Students Sofie Kagerstedt and Linnea Virtanen

Sofie Kagerstedt and Linnea Virtanen appreciate hearing perspectives from other countries.

Interesting perspectives from other countries

Students Sofie Kagerstedt and Linnea Virtanen also appreciate the international character of the programme.

“You get perspective on how CSR and sustainability work in other countries. A fellow student from France told me that there’s currently a lot of debate on working conditions and environmental aspects in the wine industry there,” says Sofie Kagerstedt.

“Our seminars and lectures result in a great deal of discussion. Hearing perspectives from other countries is thought-provoking,” says Linnea Virtanen.
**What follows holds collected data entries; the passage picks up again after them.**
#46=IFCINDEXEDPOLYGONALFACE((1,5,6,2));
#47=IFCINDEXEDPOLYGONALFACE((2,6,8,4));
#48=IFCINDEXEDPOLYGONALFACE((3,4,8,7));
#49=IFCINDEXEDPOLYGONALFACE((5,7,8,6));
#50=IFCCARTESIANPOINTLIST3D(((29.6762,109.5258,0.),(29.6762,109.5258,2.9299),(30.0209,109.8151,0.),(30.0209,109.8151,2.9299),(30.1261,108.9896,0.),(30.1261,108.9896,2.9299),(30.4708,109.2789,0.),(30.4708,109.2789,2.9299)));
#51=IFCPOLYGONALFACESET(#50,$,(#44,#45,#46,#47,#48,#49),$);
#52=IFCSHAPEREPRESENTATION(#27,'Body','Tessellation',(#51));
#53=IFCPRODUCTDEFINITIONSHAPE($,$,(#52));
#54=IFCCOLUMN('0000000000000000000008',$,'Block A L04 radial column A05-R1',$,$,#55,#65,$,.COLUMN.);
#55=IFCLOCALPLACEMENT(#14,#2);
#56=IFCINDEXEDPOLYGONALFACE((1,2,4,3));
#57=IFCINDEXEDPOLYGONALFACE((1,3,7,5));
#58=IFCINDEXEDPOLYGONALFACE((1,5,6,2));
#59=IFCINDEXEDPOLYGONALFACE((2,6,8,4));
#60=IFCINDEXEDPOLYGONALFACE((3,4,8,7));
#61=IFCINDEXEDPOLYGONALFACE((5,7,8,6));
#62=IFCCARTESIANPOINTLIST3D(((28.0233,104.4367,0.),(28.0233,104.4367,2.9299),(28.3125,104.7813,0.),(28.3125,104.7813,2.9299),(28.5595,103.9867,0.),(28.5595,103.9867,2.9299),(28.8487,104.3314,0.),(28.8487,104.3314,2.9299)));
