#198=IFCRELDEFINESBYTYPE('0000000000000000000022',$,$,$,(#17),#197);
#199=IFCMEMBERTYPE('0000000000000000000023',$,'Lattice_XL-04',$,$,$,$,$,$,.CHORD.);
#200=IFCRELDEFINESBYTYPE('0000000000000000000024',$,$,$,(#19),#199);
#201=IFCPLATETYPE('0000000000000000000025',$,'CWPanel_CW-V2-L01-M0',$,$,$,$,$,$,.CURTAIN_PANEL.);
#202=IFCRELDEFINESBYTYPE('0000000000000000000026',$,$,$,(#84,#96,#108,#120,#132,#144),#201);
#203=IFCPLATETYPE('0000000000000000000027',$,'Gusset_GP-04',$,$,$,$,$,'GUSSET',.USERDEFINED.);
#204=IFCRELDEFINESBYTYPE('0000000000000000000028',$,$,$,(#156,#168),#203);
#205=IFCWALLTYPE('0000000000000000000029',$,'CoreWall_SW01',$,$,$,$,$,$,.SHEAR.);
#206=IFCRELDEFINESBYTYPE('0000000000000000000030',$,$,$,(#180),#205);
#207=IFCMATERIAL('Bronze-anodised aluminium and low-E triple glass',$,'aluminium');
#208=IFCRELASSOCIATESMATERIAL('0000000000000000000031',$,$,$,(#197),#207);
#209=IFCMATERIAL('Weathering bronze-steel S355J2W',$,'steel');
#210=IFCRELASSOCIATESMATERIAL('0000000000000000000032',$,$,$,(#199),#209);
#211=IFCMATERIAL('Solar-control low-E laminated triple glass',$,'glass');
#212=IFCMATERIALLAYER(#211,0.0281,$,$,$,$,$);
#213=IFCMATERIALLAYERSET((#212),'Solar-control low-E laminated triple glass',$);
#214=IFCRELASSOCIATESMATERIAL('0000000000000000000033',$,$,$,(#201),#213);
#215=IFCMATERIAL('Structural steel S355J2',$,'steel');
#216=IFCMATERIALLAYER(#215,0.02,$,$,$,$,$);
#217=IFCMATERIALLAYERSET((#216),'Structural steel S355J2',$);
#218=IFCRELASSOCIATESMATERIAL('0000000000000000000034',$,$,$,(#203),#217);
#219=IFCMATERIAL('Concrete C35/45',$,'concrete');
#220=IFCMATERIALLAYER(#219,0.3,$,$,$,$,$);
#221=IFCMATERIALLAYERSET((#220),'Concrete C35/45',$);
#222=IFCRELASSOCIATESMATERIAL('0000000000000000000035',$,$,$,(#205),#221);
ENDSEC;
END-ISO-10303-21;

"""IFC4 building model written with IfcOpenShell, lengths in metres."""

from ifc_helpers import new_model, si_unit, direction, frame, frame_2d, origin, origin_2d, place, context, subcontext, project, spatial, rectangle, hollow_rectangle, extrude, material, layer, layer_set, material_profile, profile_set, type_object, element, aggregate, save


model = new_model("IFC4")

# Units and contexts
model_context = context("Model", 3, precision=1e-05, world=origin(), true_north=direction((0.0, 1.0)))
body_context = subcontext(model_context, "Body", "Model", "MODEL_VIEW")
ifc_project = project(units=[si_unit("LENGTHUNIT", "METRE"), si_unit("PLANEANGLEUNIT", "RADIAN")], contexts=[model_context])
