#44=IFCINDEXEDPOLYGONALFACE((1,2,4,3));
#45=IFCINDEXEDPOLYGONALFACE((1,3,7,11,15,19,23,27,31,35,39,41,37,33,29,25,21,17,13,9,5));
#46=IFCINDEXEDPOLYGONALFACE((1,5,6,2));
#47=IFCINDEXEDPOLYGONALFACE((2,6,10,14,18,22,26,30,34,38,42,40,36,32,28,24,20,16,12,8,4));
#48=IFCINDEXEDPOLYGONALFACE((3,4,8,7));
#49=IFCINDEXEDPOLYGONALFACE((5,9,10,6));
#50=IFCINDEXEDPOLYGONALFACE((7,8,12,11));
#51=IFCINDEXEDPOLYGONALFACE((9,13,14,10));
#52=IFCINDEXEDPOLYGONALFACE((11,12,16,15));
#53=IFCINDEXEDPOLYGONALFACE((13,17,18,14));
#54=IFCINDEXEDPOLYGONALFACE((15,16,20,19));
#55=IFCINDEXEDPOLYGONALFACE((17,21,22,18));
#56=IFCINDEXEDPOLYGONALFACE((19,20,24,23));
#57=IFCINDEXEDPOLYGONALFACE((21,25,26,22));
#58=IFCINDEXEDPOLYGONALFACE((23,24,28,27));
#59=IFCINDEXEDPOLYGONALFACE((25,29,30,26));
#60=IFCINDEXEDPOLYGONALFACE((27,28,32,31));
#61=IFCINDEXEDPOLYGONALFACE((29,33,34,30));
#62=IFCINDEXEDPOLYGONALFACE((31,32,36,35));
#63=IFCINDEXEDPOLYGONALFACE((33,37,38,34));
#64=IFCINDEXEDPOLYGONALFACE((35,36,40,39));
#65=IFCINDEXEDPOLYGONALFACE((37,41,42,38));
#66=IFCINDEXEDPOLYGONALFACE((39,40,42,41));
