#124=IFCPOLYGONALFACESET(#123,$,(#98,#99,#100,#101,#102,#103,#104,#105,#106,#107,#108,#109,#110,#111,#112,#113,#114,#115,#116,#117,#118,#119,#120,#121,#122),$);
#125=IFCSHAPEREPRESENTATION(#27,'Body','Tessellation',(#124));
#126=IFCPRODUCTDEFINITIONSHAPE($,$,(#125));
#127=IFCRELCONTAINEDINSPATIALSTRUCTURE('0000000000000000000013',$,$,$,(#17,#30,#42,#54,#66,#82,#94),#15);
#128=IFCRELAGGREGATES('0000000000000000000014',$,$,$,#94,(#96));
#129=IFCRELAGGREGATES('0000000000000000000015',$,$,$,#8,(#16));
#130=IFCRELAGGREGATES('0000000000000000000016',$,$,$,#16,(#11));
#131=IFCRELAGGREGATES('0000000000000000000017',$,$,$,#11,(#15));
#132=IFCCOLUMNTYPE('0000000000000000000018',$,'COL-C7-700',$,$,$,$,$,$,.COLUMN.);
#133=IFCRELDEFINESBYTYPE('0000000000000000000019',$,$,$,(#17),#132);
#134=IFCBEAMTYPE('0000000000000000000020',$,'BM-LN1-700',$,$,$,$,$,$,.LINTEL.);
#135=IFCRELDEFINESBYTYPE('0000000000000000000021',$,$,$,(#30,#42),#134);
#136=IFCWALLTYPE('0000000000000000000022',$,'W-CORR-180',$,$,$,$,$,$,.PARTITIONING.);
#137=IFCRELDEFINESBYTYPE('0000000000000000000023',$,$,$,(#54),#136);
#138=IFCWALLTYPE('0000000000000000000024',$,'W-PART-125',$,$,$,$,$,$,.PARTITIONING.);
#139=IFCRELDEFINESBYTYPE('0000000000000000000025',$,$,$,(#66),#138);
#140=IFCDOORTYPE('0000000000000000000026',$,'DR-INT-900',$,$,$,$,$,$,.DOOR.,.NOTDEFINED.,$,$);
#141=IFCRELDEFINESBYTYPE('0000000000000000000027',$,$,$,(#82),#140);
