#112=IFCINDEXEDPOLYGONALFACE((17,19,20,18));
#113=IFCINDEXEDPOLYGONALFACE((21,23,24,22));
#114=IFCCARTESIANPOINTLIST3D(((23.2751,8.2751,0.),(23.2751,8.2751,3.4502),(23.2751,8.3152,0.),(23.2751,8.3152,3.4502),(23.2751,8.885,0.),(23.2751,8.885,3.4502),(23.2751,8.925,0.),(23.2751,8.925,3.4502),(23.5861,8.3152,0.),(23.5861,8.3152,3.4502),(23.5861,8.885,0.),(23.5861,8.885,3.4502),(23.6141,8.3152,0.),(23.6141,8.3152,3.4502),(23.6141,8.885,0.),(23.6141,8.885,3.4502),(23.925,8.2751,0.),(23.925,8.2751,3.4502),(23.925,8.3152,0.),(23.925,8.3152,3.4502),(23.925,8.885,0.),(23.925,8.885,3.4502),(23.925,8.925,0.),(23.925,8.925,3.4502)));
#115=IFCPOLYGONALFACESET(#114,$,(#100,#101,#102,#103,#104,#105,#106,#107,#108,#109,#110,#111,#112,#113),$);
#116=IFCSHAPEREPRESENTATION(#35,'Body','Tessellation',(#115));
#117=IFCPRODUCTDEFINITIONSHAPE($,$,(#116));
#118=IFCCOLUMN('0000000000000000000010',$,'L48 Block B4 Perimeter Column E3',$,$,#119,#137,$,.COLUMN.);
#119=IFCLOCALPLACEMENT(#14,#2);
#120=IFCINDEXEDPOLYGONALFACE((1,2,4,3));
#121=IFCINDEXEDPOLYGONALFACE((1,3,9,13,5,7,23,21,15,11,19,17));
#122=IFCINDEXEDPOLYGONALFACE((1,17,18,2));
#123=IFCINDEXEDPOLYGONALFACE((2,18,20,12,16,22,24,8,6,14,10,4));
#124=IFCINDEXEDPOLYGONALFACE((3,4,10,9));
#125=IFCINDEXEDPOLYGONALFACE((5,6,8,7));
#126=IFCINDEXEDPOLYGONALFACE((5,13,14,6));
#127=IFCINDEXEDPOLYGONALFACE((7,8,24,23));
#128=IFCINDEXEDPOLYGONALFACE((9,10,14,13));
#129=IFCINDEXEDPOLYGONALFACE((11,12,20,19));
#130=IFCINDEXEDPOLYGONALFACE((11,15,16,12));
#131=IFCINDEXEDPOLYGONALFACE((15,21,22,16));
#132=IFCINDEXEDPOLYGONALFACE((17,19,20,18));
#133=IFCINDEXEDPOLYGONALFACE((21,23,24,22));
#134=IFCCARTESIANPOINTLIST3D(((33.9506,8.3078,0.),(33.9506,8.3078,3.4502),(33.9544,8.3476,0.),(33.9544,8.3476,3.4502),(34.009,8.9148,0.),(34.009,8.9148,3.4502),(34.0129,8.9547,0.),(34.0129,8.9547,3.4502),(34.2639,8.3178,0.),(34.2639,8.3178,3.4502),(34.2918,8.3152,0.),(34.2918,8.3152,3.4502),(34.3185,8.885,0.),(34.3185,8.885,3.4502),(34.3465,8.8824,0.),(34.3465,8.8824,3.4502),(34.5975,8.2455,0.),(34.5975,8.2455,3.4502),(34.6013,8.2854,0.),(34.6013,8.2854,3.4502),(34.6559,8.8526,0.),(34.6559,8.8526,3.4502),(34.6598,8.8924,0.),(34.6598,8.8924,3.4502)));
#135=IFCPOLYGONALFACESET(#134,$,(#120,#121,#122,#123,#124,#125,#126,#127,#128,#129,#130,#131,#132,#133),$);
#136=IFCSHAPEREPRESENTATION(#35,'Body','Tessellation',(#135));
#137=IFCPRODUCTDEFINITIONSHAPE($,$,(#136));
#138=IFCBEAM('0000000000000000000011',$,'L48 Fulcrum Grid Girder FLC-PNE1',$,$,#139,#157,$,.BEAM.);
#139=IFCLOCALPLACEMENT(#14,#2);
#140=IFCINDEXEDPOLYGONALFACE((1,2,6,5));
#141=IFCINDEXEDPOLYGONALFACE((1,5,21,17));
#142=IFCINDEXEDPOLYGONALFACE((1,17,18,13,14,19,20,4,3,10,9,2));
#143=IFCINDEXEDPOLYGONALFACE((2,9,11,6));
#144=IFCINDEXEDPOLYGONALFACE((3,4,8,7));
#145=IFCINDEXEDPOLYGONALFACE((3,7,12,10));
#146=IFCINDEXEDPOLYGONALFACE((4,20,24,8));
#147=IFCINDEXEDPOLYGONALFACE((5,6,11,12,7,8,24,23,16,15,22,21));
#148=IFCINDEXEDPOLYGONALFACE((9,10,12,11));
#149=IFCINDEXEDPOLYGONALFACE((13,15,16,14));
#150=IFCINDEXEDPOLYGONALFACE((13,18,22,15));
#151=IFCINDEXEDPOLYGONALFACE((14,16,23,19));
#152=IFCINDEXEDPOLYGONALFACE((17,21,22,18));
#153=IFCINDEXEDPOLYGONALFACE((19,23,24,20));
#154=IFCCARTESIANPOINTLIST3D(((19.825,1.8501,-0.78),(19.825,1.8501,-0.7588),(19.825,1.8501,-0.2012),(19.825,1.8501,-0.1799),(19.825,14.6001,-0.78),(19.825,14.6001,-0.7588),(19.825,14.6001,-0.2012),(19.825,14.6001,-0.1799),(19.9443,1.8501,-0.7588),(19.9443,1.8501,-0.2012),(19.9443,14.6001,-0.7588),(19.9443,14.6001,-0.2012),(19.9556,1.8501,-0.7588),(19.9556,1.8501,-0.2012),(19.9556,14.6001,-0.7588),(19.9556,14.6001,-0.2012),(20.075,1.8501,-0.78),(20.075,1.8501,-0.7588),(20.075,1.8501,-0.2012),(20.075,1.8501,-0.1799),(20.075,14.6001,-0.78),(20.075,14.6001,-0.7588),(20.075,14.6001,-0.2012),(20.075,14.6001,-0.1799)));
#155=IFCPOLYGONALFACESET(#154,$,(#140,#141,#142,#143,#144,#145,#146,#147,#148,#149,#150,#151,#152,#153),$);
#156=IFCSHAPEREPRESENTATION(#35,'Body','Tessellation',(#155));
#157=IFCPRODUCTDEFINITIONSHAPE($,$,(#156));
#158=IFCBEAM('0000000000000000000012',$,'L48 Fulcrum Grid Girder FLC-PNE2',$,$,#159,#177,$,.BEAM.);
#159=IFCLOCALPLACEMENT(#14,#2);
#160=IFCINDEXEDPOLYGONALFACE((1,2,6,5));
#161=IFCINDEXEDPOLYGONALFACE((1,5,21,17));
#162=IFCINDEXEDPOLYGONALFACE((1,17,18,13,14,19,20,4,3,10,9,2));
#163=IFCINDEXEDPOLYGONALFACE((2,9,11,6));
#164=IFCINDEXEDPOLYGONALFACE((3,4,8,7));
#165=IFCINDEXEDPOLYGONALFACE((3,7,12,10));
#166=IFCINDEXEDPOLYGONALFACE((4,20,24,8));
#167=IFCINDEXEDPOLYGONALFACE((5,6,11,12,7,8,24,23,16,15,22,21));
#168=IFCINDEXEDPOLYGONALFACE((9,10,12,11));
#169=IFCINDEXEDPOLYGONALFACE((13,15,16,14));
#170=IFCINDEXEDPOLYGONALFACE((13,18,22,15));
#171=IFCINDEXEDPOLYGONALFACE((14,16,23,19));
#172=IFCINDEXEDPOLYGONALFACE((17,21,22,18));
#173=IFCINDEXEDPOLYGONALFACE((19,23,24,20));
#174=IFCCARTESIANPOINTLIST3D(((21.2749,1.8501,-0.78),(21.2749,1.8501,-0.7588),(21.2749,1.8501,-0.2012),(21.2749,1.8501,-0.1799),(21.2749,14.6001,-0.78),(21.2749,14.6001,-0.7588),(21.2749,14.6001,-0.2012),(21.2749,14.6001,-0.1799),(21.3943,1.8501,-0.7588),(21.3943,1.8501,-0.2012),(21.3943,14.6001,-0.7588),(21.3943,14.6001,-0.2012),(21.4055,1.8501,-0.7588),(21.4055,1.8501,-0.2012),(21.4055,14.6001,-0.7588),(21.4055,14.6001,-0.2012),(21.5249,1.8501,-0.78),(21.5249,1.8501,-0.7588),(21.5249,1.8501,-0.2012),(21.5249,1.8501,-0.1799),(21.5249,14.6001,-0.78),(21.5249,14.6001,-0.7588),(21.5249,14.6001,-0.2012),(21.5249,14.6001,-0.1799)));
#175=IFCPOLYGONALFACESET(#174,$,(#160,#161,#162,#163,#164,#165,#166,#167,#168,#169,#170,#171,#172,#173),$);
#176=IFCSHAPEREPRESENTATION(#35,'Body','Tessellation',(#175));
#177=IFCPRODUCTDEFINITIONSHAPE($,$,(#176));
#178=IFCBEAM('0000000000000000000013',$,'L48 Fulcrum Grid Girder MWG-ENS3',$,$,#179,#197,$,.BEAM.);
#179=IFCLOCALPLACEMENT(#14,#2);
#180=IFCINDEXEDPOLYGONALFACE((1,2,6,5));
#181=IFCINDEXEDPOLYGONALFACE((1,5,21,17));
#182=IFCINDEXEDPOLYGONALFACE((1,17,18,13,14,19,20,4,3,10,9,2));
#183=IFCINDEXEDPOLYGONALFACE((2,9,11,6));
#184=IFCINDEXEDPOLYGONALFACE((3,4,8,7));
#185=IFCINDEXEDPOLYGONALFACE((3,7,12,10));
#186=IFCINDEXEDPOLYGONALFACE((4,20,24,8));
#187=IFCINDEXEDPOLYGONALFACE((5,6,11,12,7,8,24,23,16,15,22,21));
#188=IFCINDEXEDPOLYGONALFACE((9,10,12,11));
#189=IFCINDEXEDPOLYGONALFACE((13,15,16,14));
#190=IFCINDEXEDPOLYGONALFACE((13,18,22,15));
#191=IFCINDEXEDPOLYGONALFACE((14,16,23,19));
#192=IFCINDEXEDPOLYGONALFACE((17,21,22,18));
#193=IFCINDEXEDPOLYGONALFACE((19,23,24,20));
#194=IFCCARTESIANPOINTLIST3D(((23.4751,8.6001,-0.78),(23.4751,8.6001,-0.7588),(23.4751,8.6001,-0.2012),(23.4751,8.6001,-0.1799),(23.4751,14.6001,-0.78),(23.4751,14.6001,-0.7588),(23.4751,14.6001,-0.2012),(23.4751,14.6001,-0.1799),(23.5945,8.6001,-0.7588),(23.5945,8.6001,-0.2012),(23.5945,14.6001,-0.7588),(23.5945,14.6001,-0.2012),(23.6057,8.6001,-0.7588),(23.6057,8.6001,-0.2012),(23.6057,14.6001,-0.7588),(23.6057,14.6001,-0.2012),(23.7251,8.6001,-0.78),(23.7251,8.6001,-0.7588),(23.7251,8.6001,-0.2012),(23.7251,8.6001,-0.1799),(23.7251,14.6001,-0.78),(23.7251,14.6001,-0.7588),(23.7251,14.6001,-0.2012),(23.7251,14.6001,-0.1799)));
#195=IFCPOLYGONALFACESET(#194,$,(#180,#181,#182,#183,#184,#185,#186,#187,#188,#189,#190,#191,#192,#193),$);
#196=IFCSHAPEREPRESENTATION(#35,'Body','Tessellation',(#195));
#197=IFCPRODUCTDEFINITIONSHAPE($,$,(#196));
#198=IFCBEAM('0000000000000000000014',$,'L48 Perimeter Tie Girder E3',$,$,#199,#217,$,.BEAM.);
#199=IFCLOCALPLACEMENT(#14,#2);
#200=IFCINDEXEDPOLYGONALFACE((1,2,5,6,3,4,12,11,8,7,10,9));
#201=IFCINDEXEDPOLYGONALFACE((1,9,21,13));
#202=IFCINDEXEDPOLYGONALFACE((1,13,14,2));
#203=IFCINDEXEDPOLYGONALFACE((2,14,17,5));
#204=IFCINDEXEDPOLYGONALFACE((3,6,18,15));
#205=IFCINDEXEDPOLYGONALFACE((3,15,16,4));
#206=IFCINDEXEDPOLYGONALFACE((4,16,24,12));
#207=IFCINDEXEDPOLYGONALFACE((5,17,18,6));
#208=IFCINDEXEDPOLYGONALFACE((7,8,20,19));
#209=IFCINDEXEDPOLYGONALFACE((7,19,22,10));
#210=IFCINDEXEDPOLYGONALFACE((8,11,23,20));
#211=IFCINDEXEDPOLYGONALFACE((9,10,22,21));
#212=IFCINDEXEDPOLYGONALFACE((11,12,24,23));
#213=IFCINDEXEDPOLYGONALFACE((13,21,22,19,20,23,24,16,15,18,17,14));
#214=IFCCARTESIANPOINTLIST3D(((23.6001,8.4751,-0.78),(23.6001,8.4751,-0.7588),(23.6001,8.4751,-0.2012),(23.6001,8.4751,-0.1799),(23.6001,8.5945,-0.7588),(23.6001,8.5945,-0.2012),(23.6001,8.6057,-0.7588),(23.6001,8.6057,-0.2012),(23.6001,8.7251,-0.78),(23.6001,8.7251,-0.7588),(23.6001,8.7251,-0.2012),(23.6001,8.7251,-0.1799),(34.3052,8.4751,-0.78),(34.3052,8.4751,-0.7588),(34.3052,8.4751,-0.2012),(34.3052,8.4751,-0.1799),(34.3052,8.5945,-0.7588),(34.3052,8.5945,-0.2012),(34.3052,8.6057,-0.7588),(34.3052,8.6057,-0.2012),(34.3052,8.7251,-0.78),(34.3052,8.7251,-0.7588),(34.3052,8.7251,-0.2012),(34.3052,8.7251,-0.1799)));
Tommy Borglund thinks that international students have a positive impact on the group as a whole.

“It provides a broader perspective with alternative angles of approach and comparisons between different countries. As exchange students are often good at making oral presentations, it makes for an inspiring learning environment.”

Much appreciated company study visits

Students at Amexci,

The students visited Amexci, a 3D printing company operating in Karlskoga.

During the autumn semester, students have been working on assignments for various companies and going on study visits. One of these was Amexci, a 3D printing company operating in Karlskoga.

“It’s great to get a look into real-life working environments. To see how the theory we’re studying works in reality. Since we’re both so-called pandemic students, this is so appreciated and valuable,” says Sofie Kagerstedt and Linnea Virtanen.

Students in a conference room.

It’s great to get a look into real-life working environments, the students say.

Larissa Bernasconi is used to the Italian education system, with its traditional lectures and few opportunities for discussion and independent work. Here, she is enthusiastic about the close collaboration with companies in the region.

“It’s exciting to get a visual perception of what we’re studying. Sometimes, you’re so busy studying for the next exam that you miss the big picture. Here, we’re getting a chance to actually see what we’re working towards – in a real working environment. I love doing things like this!” says Larissa Bernasconi.